In protein-coding genes, the exons include both the protein-coding sequence and the 5′- and 3′-untranslated regions (UTR). Often the first exon includes both the 5′-UTR and the first part of the coding sequence, but exons containing only regions of 5′-UTR or (more rarely) 3′-UTR occur in some genes, i.e. the UTRs may contain introns. Some non-coding RNA transcripts also have exons and introns.
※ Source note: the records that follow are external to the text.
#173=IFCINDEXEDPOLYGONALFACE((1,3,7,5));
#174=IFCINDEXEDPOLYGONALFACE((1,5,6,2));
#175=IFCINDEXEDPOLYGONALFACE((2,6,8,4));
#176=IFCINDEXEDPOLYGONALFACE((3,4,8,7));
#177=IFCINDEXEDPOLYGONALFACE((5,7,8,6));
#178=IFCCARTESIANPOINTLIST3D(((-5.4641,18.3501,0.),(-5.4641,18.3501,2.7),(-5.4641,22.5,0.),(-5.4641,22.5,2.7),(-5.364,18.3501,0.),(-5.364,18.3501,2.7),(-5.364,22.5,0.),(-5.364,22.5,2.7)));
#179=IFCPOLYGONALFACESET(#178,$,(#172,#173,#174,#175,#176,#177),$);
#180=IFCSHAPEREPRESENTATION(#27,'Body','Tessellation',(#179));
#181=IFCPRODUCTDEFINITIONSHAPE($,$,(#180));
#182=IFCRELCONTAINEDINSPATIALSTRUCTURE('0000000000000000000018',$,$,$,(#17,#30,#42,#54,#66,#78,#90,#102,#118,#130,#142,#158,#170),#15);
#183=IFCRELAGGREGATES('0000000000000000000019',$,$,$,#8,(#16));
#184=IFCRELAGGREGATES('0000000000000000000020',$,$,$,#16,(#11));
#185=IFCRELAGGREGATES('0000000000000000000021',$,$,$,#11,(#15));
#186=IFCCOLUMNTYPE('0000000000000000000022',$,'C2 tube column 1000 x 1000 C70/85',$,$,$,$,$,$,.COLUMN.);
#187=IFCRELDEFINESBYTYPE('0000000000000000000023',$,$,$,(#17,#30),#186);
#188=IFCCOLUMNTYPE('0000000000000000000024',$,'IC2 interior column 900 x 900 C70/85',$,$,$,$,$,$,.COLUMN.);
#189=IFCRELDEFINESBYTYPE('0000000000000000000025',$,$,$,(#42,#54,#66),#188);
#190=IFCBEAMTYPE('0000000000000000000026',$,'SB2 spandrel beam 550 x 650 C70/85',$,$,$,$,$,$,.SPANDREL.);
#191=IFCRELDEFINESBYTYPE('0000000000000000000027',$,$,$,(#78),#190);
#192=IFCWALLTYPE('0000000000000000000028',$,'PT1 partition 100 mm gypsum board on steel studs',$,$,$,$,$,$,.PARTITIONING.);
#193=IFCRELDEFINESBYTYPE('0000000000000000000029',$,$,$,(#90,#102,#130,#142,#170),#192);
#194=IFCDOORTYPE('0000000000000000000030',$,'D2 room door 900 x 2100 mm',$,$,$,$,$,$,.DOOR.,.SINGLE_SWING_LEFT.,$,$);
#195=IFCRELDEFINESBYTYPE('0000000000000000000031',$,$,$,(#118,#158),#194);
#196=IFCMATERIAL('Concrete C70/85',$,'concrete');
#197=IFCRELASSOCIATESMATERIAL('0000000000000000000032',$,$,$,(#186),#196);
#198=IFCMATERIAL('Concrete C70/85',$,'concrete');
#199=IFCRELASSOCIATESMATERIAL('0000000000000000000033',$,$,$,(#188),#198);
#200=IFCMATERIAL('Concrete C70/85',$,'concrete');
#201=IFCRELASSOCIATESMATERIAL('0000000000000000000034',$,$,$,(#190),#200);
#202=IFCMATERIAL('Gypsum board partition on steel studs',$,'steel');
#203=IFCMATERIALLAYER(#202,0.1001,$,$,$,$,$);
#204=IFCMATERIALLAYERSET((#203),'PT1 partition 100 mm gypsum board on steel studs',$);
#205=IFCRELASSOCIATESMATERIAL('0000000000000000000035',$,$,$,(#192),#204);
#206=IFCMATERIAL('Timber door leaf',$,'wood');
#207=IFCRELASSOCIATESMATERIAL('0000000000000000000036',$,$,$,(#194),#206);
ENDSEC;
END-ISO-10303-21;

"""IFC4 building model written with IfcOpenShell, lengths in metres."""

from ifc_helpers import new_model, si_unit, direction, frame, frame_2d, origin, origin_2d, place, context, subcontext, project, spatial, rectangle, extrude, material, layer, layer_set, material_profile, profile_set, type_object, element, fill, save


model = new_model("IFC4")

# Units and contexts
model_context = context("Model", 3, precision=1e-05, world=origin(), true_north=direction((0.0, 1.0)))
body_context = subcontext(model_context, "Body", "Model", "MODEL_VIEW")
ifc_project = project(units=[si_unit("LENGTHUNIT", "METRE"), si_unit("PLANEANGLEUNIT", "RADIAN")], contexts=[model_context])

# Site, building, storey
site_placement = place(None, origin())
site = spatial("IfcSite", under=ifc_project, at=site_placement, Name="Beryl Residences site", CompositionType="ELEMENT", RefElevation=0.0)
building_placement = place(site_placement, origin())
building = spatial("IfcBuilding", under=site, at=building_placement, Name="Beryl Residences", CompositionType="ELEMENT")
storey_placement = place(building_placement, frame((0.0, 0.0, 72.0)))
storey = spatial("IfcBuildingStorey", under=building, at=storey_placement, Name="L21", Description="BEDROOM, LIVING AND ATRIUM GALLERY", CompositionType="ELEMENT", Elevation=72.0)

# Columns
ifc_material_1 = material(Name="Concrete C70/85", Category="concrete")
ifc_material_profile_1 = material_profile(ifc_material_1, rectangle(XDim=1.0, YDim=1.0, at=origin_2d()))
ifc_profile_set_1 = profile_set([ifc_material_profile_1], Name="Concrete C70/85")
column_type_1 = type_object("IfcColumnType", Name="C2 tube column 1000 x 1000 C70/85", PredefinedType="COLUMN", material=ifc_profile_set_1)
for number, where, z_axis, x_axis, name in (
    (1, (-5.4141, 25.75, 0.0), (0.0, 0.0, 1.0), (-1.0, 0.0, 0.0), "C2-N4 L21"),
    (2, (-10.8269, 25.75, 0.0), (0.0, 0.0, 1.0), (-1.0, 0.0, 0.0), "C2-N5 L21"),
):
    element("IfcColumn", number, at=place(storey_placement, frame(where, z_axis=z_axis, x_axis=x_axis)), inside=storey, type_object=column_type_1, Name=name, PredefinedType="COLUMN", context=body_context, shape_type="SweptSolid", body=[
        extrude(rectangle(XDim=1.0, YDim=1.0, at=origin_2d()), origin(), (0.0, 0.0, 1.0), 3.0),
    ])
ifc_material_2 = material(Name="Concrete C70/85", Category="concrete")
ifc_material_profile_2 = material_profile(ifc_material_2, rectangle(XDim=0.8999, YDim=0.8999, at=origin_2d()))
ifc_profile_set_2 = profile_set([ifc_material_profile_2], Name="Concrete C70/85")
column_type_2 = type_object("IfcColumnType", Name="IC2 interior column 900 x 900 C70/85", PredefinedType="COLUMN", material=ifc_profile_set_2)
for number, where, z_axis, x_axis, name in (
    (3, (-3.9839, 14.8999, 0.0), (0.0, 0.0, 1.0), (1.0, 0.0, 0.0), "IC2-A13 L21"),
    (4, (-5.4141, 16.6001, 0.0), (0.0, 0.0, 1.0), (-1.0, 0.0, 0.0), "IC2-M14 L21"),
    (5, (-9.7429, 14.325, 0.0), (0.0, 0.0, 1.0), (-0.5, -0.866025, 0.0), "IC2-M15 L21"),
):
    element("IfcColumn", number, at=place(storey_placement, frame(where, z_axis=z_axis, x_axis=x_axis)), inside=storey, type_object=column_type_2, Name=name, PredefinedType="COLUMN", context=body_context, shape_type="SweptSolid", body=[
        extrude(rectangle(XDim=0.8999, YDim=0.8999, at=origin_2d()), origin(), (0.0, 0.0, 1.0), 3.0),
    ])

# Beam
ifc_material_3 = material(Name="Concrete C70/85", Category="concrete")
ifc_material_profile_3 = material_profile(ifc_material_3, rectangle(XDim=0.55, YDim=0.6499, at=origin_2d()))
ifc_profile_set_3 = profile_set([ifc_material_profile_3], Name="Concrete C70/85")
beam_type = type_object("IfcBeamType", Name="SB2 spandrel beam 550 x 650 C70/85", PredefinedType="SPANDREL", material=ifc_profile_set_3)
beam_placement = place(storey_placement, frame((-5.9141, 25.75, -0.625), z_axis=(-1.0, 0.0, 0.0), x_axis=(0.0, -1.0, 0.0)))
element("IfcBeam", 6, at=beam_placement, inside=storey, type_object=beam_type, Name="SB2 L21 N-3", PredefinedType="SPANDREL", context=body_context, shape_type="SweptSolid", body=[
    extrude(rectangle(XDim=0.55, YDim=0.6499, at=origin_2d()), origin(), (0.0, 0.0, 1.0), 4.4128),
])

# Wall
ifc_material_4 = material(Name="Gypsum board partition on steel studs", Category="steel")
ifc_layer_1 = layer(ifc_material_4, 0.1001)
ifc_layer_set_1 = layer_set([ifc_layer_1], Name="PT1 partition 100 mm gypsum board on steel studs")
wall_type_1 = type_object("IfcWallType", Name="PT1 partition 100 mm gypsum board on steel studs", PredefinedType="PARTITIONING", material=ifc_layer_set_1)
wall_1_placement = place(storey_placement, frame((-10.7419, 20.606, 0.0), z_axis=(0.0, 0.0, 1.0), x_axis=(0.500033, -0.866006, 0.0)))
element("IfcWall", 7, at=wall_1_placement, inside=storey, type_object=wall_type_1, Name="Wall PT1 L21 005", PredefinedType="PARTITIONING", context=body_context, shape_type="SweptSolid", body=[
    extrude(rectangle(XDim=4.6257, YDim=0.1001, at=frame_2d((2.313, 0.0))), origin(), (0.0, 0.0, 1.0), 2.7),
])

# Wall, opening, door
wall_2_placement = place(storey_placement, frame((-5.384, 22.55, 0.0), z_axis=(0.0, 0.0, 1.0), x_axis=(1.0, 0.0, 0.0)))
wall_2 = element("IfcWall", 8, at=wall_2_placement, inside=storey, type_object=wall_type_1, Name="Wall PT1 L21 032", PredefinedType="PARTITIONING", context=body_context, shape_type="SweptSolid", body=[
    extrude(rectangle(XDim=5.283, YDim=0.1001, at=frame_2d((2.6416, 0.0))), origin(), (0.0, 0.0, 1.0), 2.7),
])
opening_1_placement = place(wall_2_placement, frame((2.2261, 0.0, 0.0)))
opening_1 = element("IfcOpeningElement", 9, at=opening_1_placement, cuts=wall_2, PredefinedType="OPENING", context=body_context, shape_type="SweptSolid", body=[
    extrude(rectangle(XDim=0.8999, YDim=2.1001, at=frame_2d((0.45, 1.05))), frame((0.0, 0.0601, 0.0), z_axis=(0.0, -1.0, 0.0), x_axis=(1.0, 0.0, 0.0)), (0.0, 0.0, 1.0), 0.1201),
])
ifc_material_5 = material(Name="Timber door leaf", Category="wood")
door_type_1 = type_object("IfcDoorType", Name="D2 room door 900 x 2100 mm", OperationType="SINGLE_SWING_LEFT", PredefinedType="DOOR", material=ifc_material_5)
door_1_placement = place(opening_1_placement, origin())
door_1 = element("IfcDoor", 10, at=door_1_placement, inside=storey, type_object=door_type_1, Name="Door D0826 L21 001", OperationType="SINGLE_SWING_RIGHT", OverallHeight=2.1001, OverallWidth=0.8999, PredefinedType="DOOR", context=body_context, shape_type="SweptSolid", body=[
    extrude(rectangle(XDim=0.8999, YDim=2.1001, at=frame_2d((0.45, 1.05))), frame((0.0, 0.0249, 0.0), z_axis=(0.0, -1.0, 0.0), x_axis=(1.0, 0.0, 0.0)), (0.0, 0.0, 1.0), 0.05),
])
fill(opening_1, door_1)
Mature mRNAs originating from the same gene need not include the same exons, since different introns in the pre-mRNA can be removed by the process of alternative splicing.

Exonization is the creation of a new exon, as a result of mutations in introns.

Experimental approaches using exons

Exon trapping or 'gene trapping' is a molecular biology technique that exploits the existence of the intron-exon splicing to find new genes. The first exon of a 'trapped' gene splices into the exon that is contained in the insertional DNA. This new exon contains the ORF for a reporter gene that can now be expressed using the enhancers that control the target gene. A scientist knows that a new gene has been trapped when the reporter gene is expressed.

Splicing can be experimentally modified so that targeted exons are excluded from mature mRNA transcripts by blocking the access of splice-directing small nuclear ribonucleoprotein particles (snRNPs) to pre-mRNA using Morpholino antisense oligos. This has become a standard technique in developmental biology. Morpholino oligos can also be targeted to prevent molecules that regulate splicing (e.g. splice enhancers, splice suppressors) from binding to pre-mRNA, altering patterns of splicing.

Common misuse of the term

Common incorrect uses of the term exon are that 'exons code for protein', or 'exons code for amino-acids' or 'exons are translated'. However, these sorts of definitions only cover protein-coding genes, and omit those exons that become part of a non-coding RNA or the untranslated region of an mRNA. Such incorrect definitions still occur in overall reputable secondary sources.